Nuage Alezan hoqueta. Comment pouvait-il penser de choses pareilles ? Comment pouvait-il nager alors qu'un de ses camarades était en train de couler ? Comment pouvait-il rester si serein ?

Il inspira. Il plongea.

L'eau l'accueilli dans un élan de rage. Soudain, les cris s'effacèrent, remplacés par le calme des profondeurs, effrayant et oppressant. Nuage Alezan battit des pattes et tendit le cou. Sa fourrure s'alourdit, l'emportant vers le fond.

Là, il aperçut un corps. C'était celui de Museau de Craie ! L'espoir lui redonna la force nécessaire pour progresser vers lui, en direction de cette masse inerte qui coulait, sombrait dans l'obscurité que même la lumière de la Lune ne parvenait pas à percer.

Lorsqu'il fut assez proche, ses crocs se refermèrent sur la peau du cou de son camarade. Il puisa dans ses dernières ressources. Il fallait remonter à la surface, maintenant. Déjà, ses poumons le brûlaient, se plaignaient du manque d'air. L'eau autour de lui se fit plus oppressante.

Le corps qu'il tenait était étrangement petit. Nuage Alezan n'y fit pas attention. Dans l'obscurité, il ne voyait pas grand chose, mais peu importait. Il sauvait Museau de Craie.

Les secondes passèrent, lentes, étouffantes. Nuage Alezan luttait. Son regard restait rivé vers le ciel qu'il devinait au-dessus de lui. S'il tenait encore un peu, il atteindrait la surface. Il pourrait rejoindre la terre ferme. Il pouvait le faire, il pouvait réussir. Il allait sauver Museau de Craie et serait accueillit en héros. Il aurait le droit de se reposer ensuite. L'apprenti se nourrissait de ces espoirs : il ne devait surtout pas abandonner maintenant.

Il progressait, il le voyait. Puis soudain, un chat apparut à ses côtés. Rassuré, Nuage Alezan agita sa queue dans la direction. Viens m'aider ! Viens m'aider, on va remonter Museau de Craie à la surface ! Mais le chat avait de grands yeux écarquillés et les pattes immobiles. Sa gueule était ouverte dans un cri silencieux. Dans un dernier effort, il tenta de rejoindre Nuage Alezan. Ce dernier sentit les griffes agripper sa fourrure et vit le sang se mêler à l'eau sombre. Son sang. De surprise et de douleur, il manqua de lâcher Museau de Craie.

Le chat n'allait pas l'aider. Nuage Alezan l'observa alors que les profondeurs se refermaient autour de lui. Il n'allait sauver personne. Et personne n'allait le sauver. Nuage Alezan tendit son museau vers le ciel. Le Clan des Étoiles allait-il les regarder se noyer sans rien faire ?

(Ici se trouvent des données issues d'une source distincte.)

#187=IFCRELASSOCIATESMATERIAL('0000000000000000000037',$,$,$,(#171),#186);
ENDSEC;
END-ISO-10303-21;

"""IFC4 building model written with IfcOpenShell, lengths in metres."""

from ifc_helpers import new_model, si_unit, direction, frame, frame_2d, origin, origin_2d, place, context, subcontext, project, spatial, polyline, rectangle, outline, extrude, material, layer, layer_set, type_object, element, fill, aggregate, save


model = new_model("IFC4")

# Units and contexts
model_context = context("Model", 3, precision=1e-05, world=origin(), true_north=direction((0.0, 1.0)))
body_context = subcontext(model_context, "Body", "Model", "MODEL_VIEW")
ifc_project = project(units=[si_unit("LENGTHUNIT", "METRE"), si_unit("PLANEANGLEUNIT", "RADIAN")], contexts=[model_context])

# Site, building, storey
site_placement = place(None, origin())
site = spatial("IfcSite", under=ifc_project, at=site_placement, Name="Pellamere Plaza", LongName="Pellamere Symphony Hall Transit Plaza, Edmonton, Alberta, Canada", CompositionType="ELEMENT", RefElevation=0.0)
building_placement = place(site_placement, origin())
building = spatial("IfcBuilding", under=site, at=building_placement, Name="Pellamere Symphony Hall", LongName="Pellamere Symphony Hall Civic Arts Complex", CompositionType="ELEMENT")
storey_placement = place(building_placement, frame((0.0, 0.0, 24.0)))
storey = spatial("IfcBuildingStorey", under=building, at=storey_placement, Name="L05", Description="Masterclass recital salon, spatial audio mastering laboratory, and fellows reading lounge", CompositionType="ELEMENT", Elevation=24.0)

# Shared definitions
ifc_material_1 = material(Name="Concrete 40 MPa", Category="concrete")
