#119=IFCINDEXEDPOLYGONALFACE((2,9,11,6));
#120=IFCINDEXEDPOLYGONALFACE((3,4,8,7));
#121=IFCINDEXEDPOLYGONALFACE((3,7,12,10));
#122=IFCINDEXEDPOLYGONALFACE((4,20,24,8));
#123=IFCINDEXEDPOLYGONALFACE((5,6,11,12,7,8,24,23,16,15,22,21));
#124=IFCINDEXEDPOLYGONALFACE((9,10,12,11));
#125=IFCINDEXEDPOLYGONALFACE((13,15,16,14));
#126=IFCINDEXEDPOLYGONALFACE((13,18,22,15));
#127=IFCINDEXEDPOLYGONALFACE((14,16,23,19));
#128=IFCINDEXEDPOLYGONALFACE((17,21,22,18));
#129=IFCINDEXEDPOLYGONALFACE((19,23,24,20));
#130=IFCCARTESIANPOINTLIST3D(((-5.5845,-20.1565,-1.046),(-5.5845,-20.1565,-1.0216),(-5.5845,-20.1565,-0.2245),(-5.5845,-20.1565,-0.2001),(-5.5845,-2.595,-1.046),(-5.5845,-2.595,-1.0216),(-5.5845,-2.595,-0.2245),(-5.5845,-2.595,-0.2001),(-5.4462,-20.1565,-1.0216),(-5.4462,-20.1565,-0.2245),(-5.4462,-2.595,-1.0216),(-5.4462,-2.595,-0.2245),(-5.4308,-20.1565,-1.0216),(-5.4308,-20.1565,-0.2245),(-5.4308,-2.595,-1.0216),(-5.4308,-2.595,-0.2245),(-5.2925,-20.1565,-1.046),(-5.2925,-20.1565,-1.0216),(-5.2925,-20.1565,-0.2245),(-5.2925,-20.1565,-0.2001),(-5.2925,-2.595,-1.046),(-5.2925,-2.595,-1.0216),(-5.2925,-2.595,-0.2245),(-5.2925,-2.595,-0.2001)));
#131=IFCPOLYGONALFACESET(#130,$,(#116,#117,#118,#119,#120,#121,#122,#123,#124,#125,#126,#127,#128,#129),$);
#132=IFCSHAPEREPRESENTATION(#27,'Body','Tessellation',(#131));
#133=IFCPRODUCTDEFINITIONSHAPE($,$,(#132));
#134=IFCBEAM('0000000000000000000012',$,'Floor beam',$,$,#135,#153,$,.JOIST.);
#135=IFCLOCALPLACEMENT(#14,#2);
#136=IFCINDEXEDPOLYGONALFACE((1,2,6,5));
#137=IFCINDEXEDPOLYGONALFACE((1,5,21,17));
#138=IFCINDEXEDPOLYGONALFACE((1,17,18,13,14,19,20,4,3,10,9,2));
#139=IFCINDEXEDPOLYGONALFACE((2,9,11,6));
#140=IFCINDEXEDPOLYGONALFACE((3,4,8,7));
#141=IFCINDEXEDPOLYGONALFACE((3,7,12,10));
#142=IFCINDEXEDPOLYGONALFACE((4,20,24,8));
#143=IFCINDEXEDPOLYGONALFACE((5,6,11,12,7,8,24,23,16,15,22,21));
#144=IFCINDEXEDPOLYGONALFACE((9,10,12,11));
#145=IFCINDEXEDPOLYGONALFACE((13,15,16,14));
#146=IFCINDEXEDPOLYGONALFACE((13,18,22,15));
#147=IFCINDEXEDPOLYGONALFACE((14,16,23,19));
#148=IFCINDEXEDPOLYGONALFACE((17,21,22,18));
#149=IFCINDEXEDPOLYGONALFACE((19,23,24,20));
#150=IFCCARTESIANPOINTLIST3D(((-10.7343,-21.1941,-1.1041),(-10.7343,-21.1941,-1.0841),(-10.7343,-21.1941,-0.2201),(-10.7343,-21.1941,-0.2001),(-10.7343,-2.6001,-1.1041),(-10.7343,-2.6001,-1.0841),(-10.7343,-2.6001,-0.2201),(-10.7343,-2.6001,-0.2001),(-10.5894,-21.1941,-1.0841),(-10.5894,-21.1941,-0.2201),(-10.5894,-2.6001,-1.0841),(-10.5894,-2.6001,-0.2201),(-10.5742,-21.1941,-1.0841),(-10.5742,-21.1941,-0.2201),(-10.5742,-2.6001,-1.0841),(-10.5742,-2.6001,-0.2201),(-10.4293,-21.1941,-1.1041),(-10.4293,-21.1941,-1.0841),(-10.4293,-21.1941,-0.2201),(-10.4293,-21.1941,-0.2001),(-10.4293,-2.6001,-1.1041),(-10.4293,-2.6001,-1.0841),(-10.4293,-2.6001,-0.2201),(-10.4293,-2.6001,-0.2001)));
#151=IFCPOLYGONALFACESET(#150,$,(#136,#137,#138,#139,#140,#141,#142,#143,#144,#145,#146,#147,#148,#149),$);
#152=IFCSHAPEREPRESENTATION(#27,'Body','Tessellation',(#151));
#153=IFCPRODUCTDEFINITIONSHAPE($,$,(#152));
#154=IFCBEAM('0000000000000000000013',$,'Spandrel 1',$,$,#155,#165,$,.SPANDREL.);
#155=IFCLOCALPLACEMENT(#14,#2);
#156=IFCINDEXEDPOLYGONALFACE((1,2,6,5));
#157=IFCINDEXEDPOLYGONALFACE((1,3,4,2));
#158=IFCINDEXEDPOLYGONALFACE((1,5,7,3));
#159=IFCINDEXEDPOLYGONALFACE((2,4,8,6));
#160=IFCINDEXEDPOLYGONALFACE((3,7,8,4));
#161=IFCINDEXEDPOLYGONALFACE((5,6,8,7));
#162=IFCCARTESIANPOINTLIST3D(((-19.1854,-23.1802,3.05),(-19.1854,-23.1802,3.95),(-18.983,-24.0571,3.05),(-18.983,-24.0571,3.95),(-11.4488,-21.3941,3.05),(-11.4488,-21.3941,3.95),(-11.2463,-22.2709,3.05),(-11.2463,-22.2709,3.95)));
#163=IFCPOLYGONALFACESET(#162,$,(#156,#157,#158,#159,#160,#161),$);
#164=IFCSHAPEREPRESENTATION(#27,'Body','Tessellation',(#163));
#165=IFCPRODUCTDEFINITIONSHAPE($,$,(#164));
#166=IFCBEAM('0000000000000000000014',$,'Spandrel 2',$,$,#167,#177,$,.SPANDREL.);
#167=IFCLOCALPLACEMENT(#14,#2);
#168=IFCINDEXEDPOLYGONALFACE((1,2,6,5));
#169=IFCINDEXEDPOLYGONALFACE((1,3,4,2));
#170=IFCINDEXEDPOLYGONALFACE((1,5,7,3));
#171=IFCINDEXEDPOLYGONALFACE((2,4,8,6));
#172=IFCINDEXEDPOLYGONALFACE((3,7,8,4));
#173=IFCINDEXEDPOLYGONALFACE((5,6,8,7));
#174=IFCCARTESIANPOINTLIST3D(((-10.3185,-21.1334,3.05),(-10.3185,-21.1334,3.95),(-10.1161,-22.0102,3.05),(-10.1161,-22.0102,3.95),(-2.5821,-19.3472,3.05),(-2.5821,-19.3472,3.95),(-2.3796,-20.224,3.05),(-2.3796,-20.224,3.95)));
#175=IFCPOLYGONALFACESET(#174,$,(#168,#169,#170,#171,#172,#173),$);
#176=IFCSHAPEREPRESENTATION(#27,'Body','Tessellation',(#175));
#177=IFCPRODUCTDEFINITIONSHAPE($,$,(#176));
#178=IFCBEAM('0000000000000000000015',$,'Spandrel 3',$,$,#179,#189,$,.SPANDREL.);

Un puissant désespoir l'envahit. Le jeune chat battit des pattes une nouvelle fois, épuisé. La douleur faisait souffrir chacun de ses muscles. Il fallait continuer.

Il pensa aux guerriers. Au Clan des Étoiles. Les quatre clans qui vivaient sur ces terres et leurs croyances, le code du guerrier, les prophéties. Ça devait être rassurant, d'être guidé par ses ancêtres. Il se rappela les histoires d'héros qui avaient sauvé les clans. Lui n'était pas destiné à une chose pareille. Il n'était qu'un apprenti insignifiant, perdu dans un lac immense, désespéré à l'idée de mourir... ou à l'idée de vivre alors que d'autres n'étaient plus. Il n'était pas grand chose dans ce monde. Et même s'il sauvait un chat, d'autres sombraient tour à tour. Il les sentait frôler son corps, essayer de s'accrocher à lui. Parfois, il voulait les retenir. Il croisait leurs regards et tentait de leur transmettre le courage, la force, l'espoir. Il les suppliait de persévérer encore. Il ne voulait pas être le seul à remonter à la surface.

Nuage Alezan n'était pas grand chose. Il savait qu'aucune prophétie ne lui serait donnée. Il savait que sa destinée serait commune à celle de beaucoup de ses camarades. Il n'était qu'un pion au milieu de ce monde trop grand pour lui et il s'employait à des actions vaines. Sauver une personne ne changerait rien à la tragédie de cette nuit. Peut-être qu'on le blâmerait de ne pas avoir pu en sauver plus. Peut-être que...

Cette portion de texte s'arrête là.